Visit the site of the Papal Conclave and Michelangelo’s famous ceiling and Last Judgment painting from home! Take a 3D virtual tour of the Sistine Chapel in Vatican City as never seen before! Follow the guided tour or navigate yourself and explore one of the holiest sites in Catholicism.

Explore & learn about the story of the Sistine Chapel – it’s function as the Papal Conclave where the Pope s elected and the incredible artwork which adorns the Sistine Chapel:

  • The Conclave —Where the College of Cardinals adjourns and elects the new pope.
  • The Last Judgment —Michelangelo’s most famous frescoes which depicts the apocalypse and judgment by God and Jesus Christ.
  • The Sistine Chapel ceiling and walls renowned frescoes—Depicting biblical stories of Jesus, Moses and the creation.

Walk around freely, learn and experience this site which is fundamental in human history, art, and faith.

Read more
The Creation of Adam - Sistine Chapel in Vatican City

Sistine Chapel in Vatican City

Background & History

There is no doubt that Sistine Chapel is the most known chapel in the entire Vatican City. The chapel is well known for its architecture and the numerous decorations it bears. This chapel was designed and built by architects Michelangelo, Pietro Perugino, Sandro Botticelli, Pinturicchio, among others.
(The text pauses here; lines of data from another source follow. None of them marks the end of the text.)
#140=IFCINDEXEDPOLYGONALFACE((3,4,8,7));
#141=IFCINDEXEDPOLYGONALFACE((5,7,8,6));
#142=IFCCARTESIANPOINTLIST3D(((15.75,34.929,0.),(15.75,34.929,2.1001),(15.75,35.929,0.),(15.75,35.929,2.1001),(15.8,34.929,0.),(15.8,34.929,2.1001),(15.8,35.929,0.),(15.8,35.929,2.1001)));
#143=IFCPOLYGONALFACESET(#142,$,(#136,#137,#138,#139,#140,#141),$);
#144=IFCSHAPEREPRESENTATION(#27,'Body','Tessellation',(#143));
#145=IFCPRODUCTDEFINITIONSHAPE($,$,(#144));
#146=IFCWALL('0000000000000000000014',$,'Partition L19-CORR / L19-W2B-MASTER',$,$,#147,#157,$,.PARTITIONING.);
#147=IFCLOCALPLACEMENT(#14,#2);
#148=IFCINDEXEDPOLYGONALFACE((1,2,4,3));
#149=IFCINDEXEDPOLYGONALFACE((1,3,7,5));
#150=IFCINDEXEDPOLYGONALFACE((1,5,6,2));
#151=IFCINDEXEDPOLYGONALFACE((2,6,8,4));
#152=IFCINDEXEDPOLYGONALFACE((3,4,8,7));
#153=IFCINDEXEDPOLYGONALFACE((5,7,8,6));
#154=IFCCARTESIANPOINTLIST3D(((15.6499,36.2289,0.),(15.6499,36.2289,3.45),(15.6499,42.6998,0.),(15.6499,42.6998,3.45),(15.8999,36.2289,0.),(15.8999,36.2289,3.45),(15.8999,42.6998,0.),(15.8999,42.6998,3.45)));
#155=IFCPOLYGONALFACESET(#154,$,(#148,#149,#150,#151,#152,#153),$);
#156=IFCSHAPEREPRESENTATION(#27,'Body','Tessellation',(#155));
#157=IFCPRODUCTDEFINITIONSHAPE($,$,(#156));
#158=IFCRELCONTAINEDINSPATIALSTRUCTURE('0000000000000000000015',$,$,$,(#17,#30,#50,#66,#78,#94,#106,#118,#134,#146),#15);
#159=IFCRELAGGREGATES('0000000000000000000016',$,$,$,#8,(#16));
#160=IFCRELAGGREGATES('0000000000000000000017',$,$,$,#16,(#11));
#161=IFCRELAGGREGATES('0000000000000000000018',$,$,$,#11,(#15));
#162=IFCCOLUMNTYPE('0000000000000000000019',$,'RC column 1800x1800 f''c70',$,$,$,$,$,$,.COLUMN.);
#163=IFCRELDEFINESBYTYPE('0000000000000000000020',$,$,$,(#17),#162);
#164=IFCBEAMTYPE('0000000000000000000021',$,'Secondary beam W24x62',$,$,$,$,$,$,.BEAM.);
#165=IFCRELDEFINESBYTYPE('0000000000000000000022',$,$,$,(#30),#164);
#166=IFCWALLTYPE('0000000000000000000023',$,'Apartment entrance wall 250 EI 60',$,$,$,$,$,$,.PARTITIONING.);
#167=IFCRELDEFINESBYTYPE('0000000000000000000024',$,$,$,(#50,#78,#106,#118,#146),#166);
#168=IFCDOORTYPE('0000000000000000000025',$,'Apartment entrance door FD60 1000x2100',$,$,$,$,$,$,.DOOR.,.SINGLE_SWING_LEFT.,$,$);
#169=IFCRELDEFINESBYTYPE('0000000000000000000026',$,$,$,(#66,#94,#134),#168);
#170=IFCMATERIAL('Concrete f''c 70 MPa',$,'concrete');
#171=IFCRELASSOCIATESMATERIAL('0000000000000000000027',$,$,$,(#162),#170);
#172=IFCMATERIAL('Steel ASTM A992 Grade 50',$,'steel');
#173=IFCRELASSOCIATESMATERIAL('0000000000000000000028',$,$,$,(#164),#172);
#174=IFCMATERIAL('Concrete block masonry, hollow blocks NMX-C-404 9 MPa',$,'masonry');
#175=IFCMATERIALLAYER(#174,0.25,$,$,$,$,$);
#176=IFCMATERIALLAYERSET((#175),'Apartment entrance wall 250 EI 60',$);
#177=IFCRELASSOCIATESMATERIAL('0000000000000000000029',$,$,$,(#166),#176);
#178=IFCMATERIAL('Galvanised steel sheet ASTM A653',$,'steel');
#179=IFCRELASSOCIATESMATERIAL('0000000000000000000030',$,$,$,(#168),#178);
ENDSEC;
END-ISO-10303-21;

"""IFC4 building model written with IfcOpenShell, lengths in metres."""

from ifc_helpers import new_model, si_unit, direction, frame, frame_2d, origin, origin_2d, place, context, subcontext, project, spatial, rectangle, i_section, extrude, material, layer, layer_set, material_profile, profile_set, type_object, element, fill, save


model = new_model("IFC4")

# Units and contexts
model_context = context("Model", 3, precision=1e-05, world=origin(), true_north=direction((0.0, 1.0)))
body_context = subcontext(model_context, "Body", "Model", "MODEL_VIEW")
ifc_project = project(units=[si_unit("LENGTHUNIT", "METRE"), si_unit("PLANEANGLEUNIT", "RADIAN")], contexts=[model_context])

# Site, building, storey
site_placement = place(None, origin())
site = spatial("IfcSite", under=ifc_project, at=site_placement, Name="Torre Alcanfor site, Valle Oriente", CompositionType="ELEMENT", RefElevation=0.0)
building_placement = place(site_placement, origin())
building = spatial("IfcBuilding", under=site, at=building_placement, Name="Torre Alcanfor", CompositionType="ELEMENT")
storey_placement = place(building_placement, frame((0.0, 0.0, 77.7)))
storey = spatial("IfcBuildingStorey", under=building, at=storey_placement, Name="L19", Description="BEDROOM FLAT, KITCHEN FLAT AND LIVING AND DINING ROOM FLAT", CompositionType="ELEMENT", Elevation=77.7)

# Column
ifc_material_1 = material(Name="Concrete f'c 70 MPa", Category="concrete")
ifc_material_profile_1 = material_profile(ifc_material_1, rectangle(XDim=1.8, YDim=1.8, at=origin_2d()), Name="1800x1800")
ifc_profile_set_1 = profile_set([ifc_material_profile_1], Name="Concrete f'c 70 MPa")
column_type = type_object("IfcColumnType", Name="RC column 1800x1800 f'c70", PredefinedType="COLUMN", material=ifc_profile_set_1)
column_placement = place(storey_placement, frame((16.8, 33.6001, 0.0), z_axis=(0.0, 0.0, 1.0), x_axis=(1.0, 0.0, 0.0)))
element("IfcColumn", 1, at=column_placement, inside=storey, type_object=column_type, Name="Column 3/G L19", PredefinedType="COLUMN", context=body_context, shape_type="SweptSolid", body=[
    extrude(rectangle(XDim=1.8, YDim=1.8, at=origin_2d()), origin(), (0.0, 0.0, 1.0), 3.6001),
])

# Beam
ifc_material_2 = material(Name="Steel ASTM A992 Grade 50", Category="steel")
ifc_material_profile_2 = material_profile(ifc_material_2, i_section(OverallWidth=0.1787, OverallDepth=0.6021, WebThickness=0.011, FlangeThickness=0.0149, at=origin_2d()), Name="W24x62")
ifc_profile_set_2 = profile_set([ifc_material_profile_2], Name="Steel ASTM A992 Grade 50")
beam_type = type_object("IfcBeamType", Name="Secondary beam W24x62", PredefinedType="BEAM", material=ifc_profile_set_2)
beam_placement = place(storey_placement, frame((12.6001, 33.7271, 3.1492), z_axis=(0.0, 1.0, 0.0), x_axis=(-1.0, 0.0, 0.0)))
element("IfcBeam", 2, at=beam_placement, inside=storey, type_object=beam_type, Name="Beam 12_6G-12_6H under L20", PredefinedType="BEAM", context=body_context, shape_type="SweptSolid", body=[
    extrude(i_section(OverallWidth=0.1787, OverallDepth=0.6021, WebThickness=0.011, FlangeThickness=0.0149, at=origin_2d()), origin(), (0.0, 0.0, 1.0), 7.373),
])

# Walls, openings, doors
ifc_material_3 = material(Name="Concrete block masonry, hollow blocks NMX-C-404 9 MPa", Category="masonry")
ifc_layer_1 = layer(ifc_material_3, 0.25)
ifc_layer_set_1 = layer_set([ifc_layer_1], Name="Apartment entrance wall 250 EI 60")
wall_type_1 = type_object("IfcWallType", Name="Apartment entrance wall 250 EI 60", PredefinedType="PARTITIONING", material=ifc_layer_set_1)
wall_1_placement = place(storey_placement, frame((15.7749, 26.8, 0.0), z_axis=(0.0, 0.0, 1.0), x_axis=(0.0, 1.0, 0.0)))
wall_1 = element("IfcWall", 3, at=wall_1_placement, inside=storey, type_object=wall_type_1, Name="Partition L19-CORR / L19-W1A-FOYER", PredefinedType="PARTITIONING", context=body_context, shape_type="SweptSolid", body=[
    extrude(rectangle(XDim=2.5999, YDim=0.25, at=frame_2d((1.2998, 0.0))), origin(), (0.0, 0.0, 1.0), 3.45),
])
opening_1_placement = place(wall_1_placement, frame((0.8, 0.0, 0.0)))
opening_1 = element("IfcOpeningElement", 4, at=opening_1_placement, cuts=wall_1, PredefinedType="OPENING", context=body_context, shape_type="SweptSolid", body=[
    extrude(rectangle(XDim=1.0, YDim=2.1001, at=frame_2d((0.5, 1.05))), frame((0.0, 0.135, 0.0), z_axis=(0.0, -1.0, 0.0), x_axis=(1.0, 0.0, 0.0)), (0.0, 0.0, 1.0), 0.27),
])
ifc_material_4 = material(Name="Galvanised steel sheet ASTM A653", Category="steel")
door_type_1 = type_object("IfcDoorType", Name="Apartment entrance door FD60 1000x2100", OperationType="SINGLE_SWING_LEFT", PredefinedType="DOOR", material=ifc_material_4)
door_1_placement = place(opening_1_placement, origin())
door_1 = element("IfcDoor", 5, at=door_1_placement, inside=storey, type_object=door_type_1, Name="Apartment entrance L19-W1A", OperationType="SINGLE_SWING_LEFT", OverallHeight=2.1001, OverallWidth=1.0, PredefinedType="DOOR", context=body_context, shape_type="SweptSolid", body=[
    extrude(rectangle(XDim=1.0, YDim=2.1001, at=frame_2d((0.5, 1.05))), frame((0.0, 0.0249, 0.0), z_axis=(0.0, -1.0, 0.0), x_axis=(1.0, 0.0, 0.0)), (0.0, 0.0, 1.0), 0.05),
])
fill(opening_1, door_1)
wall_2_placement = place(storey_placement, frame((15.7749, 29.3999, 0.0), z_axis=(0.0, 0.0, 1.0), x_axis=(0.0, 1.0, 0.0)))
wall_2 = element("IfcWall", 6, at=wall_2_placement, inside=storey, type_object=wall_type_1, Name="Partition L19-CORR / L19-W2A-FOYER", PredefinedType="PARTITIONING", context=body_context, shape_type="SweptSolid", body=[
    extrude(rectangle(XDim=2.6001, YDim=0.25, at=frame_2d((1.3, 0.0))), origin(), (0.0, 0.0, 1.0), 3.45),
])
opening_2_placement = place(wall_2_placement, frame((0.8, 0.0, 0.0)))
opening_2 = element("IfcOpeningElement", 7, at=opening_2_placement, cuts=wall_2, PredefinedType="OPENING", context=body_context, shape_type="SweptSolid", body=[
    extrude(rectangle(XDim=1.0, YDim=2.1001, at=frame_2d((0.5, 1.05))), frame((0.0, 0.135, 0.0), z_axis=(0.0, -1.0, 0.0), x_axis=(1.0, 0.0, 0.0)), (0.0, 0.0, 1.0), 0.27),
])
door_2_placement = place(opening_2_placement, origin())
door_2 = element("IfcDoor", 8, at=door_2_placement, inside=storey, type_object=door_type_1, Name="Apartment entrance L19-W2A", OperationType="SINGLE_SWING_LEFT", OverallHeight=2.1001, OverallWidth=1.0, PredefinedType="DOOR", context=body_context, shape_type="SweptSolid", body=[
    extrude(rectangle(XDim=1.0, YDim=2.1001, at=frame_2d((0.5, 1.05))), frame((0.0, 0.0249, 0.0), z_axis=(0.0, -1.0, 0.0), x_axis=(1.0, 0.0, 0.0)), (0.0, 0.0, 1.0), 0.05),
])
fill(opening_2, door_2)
Ever since its establishment on the 15th August 1483 by Pope Sixtus IV, the Sistine Chapel has continued to be used for both religious and official papal activities. The construction of the Sistine Chapel begun in 1473 and was completed and opened to the public later on. Today, the Sistine Chapel is the place of the Papal Conclave - the process of electing a new Pope

The Sistine Chapel serves as the Papal conclave where the new pope is elected. During the election of a new Pope, a chimney is installed on the roof of the Sistine Chapel, through which smoke arises as a signal. When black smoke rises from the chimney, it signals that a new Pope has been elected by the College of Cardinals. White smoke is created by burning the white ballot papers of the Conclave and black smoke is achieved by burning the Papal ballots with a substance that gives the smoke its black color.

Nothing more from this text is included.